The existing literature is out dated with respect to practitioner best-practices that are evolving since the aforementioned global crises. Surveys of applied portfolio risk management indicated there were unique techniques in use across the disciplines and industries (e.g., Cooper, Edgett, & Kleinschmidt, 2002; McNally, Durmusoglu, Calantone, & Harmancioglu, 2009; Christelis, Jappelli, & Padula, 2010; Ghosh, 2010; Hoffmann & Broekhuizen, 2010; Yunker & Melkumian, 2010; Gupta, Inuiguchi, & Mehlawat, 2011; Ongena et al., 2011). However, there are no multidisciplinary models of risk management techniques to inform stakeholders as we typically find in other disciplines (for instance: generally accepted accounting practices, project management body of knowledge, and managerial leadership theories).

Published theory generally lags behind practical innovations, which impedes the advancement of a body of knowledge (Bryde, 2003); thus, researchers periodically need to ‘go out’ and ask practitioners what is new. Additionally, more research is needed about effective portfolio risk management practices across the disciplines, and this needs to be better structured to help practitioners (Cooper & Edgett, 2008; Kwak & Anbari, 2009). Furthermore, the validity of existing 'portfolio risk management technique' studies needs to be improved (Steuer, Qi, & Hirschberger, 2005; Stracca, 2006; Mills & Patterson, 2009).

One solution that could make a useful contribution to the literature would be to conduct a new survey of preferred risk management techniques that are used in volatile conditions within various disciplines. Paradoxically, surveying risk management practitioners may be complicated because there are numerous quantitative and qualitative techniques which diverge in terminology according to industry and culture (Smith & Fischbacher, 2009; Sperandio & Girard, 2010; Morse & Shive, 2011; Goodwin & Strang, 2012). For example one study cited over 250 distinct portfolio management procedures (Cochran, Cox, Keskinocak, Kharoufeh, & Smith, 2011). Thus it may be difficult to know what to ask practitioners in survey, especially to identify emerging risk management techniques.

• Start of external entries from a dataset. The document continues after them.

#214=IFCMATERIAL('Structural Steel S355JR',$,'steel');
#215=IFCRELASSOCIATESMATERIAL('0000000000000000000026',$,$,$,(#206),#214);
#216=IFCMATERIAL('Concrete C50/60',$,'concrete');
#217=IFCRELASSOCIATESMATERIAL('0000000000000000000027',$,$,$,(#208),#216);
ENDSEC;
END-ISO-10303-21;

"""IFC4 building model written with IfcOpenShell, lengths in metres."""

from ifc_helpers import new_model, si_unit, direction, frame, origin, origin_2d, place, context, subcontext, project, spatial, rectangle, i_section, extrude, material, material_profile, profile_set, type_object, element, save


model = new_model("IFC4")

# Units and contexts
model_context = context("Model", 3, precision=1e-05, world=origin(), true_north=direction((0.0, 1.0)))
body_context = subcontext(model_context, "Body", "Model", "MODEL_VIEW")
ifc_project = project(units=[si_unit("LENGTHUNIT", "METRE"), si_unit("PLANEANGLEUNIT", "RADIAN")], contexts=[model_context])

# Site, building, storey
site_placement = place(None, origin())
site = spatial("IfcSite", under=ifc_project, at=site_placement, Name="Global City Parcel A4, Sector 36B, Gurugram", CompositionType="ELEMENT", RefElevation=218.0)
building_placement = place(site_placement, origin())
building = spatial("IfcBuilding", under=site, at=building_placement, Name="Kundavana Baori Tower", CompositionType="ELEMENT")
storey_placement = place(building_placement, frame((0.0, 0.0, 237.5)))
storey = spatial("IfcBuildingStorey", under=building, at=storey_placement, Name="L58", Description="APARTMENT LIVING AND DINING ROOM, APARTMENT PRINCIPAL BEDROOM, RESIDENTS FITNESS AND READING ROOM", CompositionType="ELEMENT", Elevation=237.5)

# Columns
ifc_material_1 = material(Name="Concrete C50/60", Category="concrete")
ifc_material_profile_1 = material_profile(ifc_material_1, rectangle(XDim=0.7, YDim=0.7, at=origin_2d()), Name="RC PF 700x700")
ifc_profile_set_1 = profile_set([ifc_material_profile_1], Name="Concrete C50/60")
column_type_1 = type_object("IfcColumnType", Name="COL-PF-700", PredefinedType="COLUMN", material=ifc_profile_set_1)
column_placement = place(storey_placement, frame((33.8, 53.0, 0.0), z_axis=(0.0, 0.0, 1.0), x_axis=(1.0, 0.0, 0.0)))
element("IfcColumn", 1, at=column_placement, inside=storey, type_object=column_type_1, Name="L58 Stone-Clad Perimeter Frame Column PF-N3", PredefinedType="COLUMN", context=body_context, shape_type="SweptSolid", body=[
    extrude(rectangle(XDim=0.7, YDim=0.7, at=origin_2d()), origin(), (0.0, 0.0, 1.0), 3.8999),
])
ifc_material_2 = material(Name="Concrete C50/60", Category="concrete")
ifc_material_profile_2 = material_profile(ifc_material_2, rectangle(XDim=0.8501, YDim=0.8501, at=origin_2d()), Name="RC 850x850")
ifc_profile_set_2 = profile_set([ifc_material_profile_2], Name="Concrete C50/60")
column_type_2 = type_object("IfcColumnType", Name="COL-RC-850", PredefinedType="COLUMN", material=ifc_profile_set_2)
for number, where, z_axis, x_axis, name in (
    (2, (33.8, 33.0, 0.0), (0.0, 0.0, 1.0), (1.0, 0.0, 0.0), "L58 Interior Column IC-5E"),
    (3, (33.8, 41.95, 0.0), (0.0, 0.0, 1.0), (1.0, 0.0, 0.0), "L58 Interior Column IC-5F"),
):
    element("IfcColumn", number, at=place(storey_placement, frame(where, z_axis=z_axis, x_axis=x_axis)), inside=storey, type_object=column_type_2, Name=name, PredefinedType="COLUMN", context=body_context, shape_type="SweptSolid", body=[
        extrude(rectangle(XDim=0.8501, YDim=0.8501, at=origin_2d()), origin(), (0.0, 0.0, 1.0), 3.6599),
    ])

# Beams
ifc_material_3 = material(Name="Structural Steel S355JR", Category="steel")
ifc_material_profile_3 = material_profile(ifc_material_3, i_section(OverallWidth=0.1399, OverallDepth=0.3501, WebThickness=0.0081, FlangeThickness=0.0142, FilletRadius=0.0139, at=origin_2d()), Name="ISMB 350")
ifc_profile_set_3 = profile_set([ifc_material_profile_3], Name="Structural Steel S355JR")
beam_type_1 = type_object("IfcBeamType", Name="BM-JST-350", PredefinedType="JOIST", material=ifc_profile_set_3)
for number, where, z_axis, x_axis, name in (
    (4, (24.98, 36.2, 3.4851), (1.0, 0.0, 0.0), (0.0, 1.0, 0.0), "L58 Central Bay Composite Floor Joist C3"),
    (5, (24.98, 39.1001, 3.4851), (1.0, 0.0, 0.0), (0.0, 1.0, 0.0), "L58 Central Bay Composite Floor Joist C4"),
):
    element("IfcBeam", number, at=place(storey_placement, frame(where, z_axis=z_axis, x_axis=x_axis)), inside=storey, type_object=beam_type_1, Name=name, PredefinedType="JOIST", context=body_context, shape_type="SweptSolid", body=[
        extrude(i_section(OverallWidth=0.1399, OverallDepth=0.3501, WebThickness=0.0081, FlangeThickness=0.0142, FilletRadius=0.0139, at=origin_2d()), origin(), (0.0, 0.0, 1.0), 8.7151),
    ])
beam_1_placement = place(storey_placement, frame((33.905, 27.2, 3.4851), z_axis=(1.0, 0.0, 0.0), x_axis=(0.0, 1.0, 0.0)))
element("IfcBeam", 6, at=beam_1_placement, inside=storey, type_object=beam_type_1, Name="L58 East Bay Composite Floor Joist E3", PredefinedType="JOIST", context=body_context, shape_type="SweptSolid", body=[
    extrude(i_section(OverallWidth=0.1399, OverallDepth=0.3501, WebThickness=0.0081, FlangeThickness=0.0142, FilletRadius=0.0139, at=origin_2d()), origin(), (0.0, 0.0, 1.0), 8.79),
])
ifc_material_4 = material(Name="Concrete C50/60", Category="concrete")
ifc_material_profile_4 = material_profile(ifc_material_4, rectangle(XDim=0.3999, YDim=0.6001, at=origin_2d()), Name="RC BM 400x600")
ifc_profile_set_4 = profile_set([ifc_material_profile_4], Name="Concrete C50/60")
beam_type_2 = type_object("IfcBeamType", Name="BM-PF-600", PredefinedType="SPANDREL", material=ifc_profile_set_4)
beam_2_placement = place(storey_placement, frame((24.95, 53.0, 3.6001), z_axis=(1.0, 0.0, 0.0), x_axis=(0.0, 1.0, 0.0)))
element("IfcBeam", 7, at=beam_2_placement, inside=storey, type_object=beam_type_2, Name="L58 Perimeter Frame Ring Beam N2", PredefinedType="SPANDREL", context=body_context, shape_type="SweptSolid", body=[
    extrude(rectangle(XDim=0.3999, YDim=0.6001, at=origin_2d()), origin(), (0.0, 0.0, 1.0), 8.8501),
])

If interviews (instead of surveys) were used to gather feedback about portfolio risk management it may be impractical to obtain a sufficient world-wide sample size. While it is possible to electronically collect comments from international participants, qualitative data is not well-suited for analyzing factor relationships. It is not permissible to apply parametric statistical techniques like correlation, principal components analysis or factor analysis to explore relationships within the nominal data that would be used to describe risk management procedures or discipline categories (Gill, Johnson, & Clark, 2010).